The Soldiers' Home in Holyoke should be the shining example of how a long-term care facility should be run. It should be the ideal. We shouldn't have to have debates about staffing issues, or having to get through a hiring freeze. And we shouldn't have to question why there are three veterans to a small room, and why they have to share a bathroom.

So you know, I ask: If you can't do this right, then what is wrong with us as a society? And I think that, to me, is what has been so frustrating and, frankly, very depressing about this.

The early retirement program you mentioned earlier, that led to this wave of departures at the Soldiers' Home: Do you think that played a part in what's happening in recent weeks?

When you look at staffing, and when you look at long-term care, overstretched staff members who make simple mistakes, such as failing to wash hands or wear appropriate protective equipment — you know, things like that you can't take for granted. And it can endanger everyone in a facility like the Soldiers' Home, where you have more than 200-plus residents in some very tight space.

So I am hopeful that the investigations that are in place are going to look at the staffing levels, and if the home was adequately prepared to confront the pandemic. I think staffing levels in particular are critical in any nursing home's fight against something like this. So yes, it does matter.

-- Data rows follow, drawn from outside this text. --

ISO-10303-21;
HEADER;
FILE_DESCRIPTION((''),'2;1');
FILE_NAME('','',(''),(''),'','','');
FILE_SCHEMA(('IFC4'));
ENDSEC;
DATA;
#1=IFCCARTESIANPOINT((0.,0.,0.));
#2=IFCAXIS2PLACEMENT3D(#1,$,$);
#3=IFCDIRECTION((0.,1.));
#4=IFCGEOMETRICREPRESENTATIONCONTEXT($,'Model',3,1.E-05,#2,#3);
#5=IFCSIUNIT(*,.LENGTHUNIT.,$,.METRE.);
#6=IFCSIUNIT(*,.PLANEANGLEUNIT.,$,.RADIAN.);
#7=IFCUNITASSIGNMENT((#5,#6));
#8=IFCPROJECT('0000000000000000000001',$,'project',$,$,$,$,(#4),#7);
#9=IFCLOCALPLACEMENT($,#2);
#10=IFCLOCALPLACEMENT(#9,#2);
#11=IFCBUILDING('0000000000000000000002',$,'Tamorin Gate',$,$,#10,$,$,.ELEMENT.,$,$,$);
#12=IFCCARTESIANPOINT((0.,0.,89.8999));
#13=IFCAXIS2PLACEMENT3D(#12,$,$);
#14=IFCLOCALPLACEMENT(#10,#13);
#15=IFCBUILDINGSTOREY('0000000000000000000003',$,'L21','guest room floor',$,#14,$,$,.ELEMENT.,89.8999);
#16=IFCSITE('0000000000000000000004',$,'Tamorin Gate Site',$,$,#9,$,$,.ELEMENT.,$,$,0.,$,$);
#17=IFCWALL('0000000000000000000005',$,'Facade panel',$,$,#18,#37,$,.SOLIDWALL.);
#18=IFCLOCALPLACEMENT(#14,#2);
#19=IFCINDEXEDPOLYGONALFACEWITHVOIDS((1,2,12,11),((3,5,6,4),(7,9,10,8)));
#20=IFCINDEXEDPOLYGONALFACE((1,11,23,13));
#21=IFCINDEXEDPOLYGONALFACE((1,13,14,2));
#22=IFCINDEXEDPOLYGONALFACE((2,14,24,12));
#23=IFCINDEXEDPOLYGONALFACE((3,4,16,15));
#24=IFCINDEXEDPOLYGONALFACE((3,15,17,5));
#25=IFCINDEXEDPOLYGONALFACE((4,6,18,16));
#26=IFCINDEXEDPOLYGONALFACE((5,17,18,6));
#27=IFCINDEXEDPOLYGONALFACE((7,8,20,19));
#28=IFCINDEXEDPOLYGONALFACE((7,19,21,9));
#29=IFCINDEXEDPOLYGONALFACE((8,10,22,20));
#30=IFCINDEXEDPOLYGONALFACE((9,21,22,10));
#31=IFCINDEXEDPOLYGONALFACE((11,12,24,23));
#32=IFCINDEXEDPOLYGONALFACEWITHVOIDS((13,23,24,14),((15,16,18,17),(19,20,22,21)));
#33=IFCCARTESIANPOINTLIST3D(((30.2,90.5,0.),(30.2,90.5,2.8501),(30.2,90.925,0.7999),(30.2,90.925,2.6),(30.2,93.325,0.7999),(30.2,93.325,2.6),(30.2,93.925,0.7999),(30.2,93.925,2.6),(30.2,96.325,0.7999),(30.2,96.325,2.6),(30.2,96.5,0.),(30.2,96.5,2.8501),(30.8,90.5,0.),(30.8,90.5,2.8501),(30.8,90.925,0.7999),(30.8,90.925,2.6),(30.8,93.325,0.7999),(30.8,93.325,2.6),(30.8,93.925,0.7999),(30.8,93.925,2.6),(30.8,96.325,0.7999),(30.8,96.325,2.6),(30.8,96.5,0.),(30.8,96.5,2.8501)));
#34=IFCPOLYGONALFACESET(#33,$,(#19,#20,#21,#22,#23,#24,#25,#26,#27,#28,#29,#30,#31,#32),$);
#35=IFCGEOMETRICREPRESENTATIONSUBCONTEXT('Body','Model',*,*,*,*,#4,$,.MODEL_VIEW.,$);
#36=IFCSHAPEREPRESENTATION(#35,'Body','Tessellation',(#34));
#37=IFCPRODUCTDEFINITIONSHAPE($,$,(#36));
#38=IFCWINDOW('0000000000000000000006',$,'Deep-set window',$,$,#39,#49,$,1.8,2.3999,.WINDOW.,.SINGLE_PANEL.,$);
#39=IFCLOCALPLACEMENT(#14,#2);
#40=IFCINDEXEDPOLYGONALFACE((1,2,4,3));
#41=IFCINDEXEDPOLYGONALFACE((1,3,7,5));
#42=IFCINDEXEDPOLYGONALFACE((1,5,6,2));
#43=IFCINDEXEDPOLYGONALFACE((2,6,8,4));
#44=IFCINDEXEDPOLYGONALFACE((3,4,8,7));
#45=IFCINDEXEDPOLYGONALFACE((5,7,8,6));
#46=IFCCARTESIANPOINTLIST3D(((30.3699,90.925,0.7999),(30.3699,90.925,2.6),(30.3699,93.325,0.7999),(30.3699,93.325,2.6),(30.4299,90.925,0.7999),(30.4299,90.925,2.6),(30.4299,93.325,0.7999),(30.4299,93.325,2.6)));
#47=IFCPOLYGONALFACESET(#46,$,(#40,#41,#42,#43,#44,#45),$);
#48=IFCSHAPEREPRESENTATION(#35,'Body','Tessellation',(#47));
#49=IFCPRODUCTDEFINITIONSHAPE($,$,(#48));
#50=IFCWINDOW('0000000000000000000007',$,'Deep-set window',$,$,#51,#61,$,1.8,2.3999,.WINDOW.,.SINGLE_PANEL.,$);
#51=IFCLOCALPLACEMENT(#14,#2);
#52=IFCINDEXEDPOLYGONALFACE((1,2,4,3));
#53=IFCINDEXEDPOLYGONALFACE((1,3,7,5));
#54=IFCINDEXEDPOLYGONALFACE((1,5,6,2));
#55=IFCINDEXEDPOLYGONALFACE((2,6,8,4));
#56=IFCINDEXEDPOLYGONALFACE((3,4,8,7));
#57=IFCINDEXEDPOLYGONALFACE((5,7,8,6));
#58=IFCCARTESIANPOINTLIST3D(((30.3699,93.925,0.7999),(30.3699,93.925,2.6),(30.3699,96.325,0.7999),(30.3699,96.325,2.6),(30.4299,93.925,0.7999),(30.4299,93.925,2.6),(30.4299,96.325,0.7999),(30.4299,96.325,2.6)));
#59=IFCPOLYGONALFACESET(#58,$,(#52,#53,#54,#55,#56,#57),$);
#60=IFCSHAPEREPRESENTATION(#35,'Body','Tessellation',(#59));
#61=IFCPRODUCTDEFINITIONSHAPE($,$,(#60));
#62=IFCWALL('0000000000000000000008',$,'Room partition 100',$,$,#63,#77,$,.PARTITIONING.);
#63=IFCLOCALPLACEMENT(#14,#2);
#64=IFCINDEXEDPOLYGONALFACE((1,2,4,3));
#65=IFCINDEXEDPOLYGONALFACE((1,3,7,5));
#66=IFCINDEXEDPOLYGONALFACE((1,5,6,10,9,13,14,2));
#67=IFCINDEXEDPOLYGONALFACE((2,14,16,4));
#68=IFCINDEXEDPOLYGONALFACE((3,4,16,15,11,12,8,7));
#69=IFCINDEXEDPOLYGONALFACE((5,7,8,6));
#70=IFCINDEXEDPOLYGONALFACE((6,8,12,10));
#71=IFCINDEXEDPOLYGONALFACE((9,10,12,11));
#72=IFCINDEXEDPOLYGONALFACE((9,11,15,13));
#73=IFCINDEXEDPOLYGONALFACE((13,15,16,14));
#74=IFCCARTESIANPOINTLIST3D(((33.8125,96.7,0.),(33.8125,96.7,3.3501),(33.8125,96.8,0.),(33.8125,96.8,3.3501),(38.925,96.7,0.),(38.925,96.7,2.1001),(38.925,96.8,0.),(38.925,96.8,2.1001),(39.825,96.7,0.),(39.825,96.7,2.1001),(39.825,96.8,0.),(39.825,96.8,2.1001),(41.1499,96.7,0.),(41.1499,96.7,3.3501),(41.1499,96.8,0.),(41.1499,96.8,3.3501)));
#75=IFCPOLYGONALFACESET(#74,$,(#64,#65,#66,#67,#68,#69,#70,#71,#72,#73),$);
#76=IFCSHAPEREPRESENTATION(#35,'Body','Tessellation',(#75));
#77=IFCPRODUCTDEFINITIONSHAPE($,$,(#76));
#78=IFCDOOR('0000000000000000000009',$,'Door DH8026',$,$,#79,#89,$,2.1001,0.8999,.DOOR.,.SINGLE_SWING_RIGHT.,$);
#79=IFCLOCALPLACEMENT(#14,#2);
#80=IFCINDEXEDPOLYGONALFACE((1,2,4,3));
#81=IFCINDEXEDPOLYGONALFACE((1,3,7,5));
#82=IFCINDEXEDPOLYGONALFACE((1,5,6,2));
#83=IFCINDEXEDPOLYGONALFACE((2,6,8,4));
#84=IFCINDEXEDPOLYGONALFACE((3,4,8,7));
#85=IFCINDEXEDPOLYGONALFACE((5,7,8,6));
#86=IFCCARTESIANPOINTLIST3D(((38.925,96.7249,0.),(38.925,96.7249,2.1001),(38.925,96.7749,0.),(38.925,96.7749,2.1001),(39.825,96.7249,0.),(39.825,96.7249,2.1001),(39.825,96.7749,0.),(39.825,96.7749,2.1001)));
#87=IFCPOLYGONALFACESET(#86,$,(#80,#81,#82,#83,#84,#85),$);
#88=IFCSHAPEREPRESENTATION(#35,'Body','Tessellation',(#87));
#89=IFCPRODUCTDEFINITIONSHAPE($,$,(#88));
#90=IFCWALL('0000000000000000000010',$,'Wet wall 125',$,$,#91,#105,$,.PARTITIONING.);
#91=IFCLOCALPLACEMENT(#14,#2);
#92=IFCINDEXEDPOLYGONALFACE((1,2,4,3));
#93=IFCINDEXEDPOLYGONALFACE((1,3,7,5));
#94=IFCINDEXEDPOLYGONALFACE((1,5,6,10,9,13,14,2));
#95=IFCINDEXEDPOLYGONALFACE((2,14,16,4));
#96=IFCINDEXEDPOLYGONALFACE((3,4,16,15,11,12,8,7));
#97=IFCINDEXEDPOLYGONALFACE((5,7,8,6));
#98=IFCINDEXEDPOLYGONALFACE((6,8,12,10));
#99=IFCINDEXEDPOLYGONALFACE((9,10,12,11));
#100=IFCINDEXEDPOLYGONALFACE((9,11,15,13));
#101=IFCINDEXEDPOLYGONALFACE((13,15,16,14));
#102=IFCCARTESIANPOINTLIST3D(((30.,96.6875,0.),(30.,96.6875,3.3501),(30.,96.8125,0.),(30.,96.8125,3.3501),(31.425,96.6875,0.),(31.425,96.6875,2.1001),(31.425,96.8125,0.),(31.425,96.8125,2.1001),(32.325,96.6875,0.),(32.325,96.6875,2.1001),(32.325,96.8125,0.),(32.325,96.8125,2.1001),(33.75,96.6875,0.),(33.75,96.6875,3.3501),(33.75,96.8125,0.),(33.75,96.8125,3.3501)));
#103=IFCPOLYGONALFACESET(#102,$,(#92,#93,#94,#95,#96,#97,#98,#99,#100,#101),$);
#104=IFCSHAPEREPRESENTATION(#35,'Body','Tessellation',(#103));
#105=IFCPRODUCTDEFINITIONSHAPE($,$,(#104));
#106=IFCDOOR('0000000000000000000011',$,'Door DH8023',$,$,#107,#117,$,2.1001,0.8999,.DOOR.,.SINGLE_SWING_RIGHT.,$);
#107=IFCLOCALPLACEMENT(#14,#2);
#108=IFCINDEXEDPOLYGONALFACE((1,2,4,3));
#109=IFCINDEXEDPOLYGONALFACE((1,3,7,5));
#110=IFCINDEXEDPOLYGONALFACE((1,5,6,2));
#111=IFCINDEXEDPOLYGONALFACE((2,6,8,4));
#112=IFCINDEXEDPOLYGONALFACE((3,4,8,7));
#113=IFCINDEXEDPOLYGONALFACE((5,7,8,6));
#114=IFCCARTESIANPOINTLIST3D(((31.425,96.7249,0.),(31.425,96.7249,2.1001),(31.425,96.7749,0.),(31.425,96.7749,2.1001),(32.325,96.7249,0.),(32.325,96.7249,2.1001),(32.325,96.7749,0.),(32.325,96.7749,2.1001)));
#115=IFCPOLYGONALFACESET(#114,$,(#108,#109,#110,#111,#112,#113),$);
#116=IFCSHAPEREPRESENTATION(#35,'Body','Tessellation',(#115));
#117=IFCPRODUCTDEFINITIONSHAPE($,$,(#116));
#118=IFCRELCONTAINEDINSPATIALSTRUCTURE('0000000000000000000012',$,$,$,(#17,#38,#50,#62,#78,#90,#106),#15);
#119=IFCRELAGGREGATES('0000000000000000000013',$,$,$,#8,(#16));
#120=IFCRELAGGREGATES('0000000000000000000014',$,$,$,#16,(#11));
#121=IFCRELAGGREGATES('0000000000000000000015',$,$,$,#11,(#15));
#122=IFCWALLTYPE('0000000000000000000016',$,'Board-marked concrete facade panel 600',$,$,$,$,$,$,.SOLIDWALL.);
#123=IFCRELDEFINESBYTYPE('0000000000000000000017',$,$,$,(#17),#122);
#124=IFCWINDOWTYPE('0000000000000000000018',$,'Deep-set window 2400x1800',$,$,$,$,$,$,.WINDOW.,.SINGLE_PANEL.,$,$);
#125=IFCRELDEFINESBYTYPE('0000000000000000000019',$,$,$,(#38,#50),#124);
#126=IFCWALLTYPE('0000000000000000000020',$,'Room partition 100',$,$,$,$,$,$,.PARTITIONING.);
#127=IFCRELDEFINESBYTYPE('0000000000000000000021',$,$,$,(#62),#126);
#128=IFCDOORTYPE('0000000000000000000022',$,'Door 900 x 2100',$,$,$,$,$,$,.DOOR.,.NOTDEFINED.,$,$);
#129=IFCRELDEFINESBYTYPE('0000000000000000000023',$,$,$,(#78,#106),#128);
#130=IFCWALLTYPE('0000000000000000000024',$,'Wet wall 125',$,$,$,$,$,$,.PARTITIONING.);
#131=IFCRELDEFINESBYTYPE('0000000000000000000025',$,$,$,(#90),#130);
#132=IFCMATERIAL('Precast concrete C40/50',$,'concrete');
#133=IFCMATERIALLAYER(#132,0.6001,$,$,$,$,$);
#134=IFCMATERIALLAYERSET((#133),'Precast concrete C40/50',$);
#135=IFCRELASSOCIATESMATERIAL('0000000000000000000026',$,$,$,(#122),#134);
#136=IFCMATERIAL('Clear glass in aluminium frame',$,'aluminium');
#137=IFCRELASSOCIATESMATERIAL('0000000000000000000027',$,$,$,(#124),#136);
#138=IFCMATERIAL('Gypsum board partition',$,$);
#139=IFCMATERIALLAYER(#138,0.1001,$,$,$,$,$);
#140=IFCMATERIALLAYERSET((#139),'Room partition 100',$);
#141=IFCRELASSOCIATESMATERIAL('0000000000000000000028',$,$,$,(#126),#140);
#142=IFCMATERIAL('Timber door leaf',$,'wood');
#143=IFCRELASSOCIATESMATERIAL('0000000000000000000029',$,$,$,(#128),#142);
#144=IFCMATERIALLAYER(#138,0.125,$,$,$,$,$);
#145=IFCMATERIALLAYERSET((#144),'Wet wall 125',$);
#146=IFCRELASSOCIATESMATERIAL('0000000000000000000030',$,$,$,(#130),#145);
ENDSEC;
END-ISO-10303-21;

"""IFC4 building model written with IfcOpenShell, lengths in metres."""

from ifc_helpers import new_model, si_unit, direction, frame, frame_2d, origin, place, context, subcontext, project, spatial, rectangle, extrude, material, layer, layer_set, type_object, element, fill, save


model = new_model("IFC4")

# Units and contexts
model_context = context("Model", 3, precision=1e-05, world=origin(), true_north=direction((0.0, 1.0)))
body_context = subcontext(model_context, "Body", "Model", "MODEL_VIEW")
ifc_project = project(units=[si_unit("LENGTHUNIT", "METRE"), si_unit("PLANEANGLEUNIT", "RADIAN")], contexts=[model_context])

# Site, building, storey
site_placement = place(None, origin())
site = spatial("IfcSite", under=ifc_project, at=site_placement, Name="Tamorin Gate Site", CompositionType="ELEMENT", RefElevation=0.0)
building_placement = place(site_placement, origin())
building = spatial("IfcBuilding", under=site, at=building_placement, Name="Tamorin Gate", CompositionType="ELEMENT")
storey_placement = place(building_placement, frame((0.0, 0.0, 89.8999)))
storey = spatial("IfcBuildingStorey", under=building, at=storey_placement, Name="L21", Description="guest room floor", CompositionType="ELEMENT", Elevation=89.8999)

# Shared definitions
ifc_material_1 = material(Name="Precast concrete C40/50", Category="concrete")
ifc_layer_1 = layer(ifc_material_1, 0.6001)
ifc_layer_set_1 = layer_set([ifc_layer_1], Name="Precast concrete C40/50")
wall_type_1 = type_object("IfcWallType", Name="Board-marked concrete facade panel 600", PredefinedType="SOLIDWALL", material=ifc_layer_set_1)
ifc_material_2 = material(Name="Clear glass in aluminium frame", Category="aluminium")
window_type = type_object("IfcWindowType", Name="Deep-set window 2400x1800", PartitioningType="SINGLE_PANEL", PredefinedType="WINDOW", material=ifc_material_2)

Can you say that it directly contributed to this outbreak? I definitely think it's an underlying factor that needs to be looked at in a serious and thoughtful way.

So what is unique about caring for veterans, as opposed to other elderly patients?

Well, to answer that question, you have to look at similarities first. So the residents there are — by the very fact that they're at the Soldiers' Home — are at a very high risk due to their age, documented poor health, many of them already have compromised immune systems. The vast majority rely on a care provider for the activities of daily living.

And then, on top of all this, you have levels of dementia and behavioral health — which among veterans is higher, with post-traumatic stress, depression, anxiety issues. There's also such things as exposures to environmental public health hazards during war, such as Agent Orange or other herbicides.

You know, one of the things that is certainly unique and different about a facility like the Soldiers' Home is that you are going to meet veterans who were at the Normandy landings at D-Day, who stormed the beaches in the Pacific. They were on ships at sea during the Pacific theater. You know, I met veterans there who were in Korea. And now, more and more, you're seeing the Vietnam-era veterans coming in, who have been in some of the bloodiest firefights in Vietnam.

So what does that mean? It means that there are some end-of-life and palliative and hospice care differences with veterans who have experienced great trauma in their lives. And they're looking for closure, and they're looking for people that are going to listen to them.

And they want to know that what they did had purpose and meaning. There's that uniqueness to the Soldiers' Home which makes what we're facing now that much more distressing and hard, I think, for so many people and family members to bear witness to.